I know Tren makes guys strong as fuck...you should keep a log updated brotha


----------



## beasto (Jun 28, 2012)

Yea I should...my road to my show is 4 months away so all this hard work and grind should pay off with another ring or some money.


----------



## Pikiki (Jun 28, 2012)

Well good look man show what man in uniform can do.


----------



## beasto (Jun 28, 2012)

Yea I alway's see my Navy buddy and tell him he's slacking as well as the Navy, besides the SEAL and SWIC bros.


----------



## Pikiki (Jun 28, 2012)

Yeah I respect those dudes a lot.


----------



## beasto (Jun 28, 2012)

Yea more than a life times respect. I don't really want to say who I know or EXACTLY what I do because OPSEC. And i'm not trying to get fried over dumb ish.


----------



## AndroSport (Jun 28, 2012)

beasto said:


> Yea I alway's see my Navy buddy and tell him he's slacking as well as the Navy, besides the SEAL and SWIC bros.



I got some SEAL bros in hellmand right now.


----------



## AndroSport (Jun 28, 2012)

beasto said:


> Yea more than a life times respect. I don't really want to say who I know or EXACTLY what I do because OPSEC. And i'm not trying to get fried over dumb ish.



lol I have stayed VERY vague about my involvement as well... even regard gin my post sec contract work. smart move broseph!


----------



## beasto (Jun 28, 2012)

God bless your buddies in Hellmand prov. Yea I do like getting paid. Not trying to mess that up bro.


----------



## Jada (Jun 28, 2012)

Beasto great lifts man! Can't wait one day and ride that Tren train:0


----------



## beasto (Jun 28, 2012)

Jadakiss said:


> Beasto great lifts man! Can't wait one day and ride that Tren train:0


Thanks bro!!! Tren is the SHIT I love it...but I know the dreaded "cough" is going to come soon.

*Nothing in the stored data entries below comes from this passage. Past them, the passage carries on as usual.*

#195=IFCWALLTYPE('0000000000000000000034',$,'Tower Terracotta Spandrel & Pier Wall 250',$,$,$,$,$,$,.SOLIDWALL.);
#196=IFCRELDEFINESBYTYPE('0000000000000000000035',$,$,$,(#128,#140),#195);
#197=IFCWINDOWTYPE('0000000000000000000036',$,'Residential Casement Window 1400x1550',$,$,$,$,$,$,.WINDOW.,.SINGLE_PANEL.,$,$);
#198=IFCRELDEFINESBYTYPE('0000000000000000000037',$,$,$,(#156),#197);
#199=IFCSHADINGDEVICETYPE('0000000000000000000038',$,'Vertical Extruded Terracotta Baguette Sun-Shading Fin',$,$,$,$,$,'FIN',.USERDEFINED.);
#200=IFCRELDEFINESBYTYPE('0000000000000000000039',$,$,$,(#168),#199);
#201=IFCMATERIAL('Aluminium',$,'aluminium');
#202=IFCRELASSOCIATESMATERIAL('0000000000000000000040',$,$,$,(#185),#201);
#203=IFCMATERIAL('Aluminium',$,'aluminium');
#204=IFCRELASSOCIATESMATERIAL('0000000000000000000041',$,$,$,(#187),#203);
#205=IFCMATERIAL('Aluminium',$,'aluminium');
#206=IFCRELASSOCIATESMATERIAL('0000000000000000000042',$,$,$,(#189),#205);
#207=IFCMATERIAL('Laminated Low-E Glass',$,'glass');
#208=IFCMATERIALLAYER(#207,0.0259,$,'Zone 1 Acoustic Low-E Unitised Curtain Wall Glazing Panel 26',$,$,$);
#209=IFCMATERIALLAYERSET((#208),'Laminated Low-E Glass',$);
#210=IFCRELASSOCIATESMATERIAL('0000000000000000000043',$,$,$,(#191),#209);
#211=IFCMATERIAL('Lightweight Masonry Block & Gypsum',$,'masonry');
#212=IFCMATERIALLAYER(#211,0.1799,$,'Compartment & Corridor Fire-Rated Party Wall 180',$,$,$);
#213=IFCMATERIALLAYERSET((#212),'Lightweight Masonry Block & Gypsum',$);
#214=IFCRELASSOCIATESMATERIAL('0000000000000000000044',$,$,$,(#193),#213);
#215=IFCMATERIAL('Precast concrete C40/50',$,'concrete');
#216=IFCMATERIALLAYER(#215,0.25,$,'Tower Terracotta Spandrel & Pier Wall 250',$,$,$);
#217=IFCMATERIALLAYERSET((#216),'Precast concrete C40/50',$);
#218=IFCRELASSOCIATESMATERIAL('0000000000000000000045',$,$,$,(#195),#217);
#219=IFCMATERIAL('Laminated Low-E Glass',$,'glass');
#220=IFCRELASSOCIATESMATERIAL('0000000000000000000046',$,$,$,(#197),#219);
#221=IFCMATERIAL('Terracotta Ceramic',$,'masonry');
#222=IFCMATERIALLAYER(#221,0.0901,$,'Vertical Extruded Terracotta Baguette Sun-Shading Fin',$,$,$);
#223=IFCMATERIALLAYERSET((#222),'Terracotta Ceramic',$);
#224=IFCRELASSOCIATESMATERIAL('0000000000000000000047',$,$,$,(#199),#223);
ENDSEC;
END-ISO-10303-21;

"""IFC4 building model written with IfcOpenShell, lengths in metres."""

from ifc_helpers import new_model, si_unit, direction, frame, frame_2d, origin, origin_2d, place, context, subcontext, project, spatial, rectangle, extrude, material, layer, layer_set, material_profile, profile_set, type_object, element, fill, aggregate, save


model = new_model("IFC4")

Never danced with Tren???


----------



## Milo (Jun 29, 2012)

Dude these lifts are impressive.


----------



## beasto (Jun 29, 2012)

I've been training for a while constant...came from power lifting. I will post up some nice pics. And keep this thing going. Thanks for the love Milo!


----------



## Jada (Jun 29, 2012)

No Not yet but can't wait.


----------



## beasto (Jun 30, 2012)

You'll love it Jadakiss.


----------



## beasto (Jul 3, 2012)

So today the session went very well without me puking, even tho I was close.

Leg Press: 
900lbs 3 sets 20 reps, 4th & 5th set added two 60lb chains for 15 reps each

Free Squat:
Total weight with chains 390lbs 3 sets 5 deep to the floor reps, 4th & 5th set 450lbs 5 reps

Leg extension:
285lbs 3 sets 12 reps, 4th & 5th set 390lbs 12 reps

Hamstring curls:
150Lbs 2 sets 15 reps, 250lbs 2 sets 15 reps, last set 100lbs until failure.

Single leg extension:
1 set 70lbs until failure.


----------



## Hurt (Jul 3, 2012)

beasto said:


> So today the session went very well without me puking, even tho I was close.
> 
> Leg Press:
> 900lbs 3 sets 20 reps, 4th & 5th set added two 60lb chains for 15 reps each
> ...




NICE! I'm ready for tomorrow's leg day now!!!  Keep it goin brother!


----------



## beasto (Jul 3, 2012)

Thanks Hurt!! At least tonight I didn't feel like there should be a wheel chair at the front desk of the gym waiting for me!!!! It's going to be great to see you on stage bro when your ready!!!!


----------



## beasto (Jul 15, 2012)

Whhhhew alright fellas...CHEST DAY.

Started off with 
Cable pec fly's (hands open): 120lbs 6 reps 4 sets 130 for the final set 6 reps.

Incline DB press: 140lbs 5 reps 5 sets (stayed steady)

Flat Barbell Bench press: 315 w/ chains(60lbs each) 1 set 8 reps, 2nd set 375lbs no chain 5 reps , 3rd & 4th set 375 w/ chains, 5th set 505lbs 4 reps (Achieved a goal of a 500LBS bench) : D

Decline Bench 405 w chains all 5 sets 6 reps.

Incline Hammer Strength- 1 set slow push and decline back down 45, 35, 45


----------



## milleniumgirl (Jul 15, 2012)

You're a strong mofo beastie! Big thumbs up


----------



## beasto (Jul 15, 2012)

Thanks MG :tren:


----------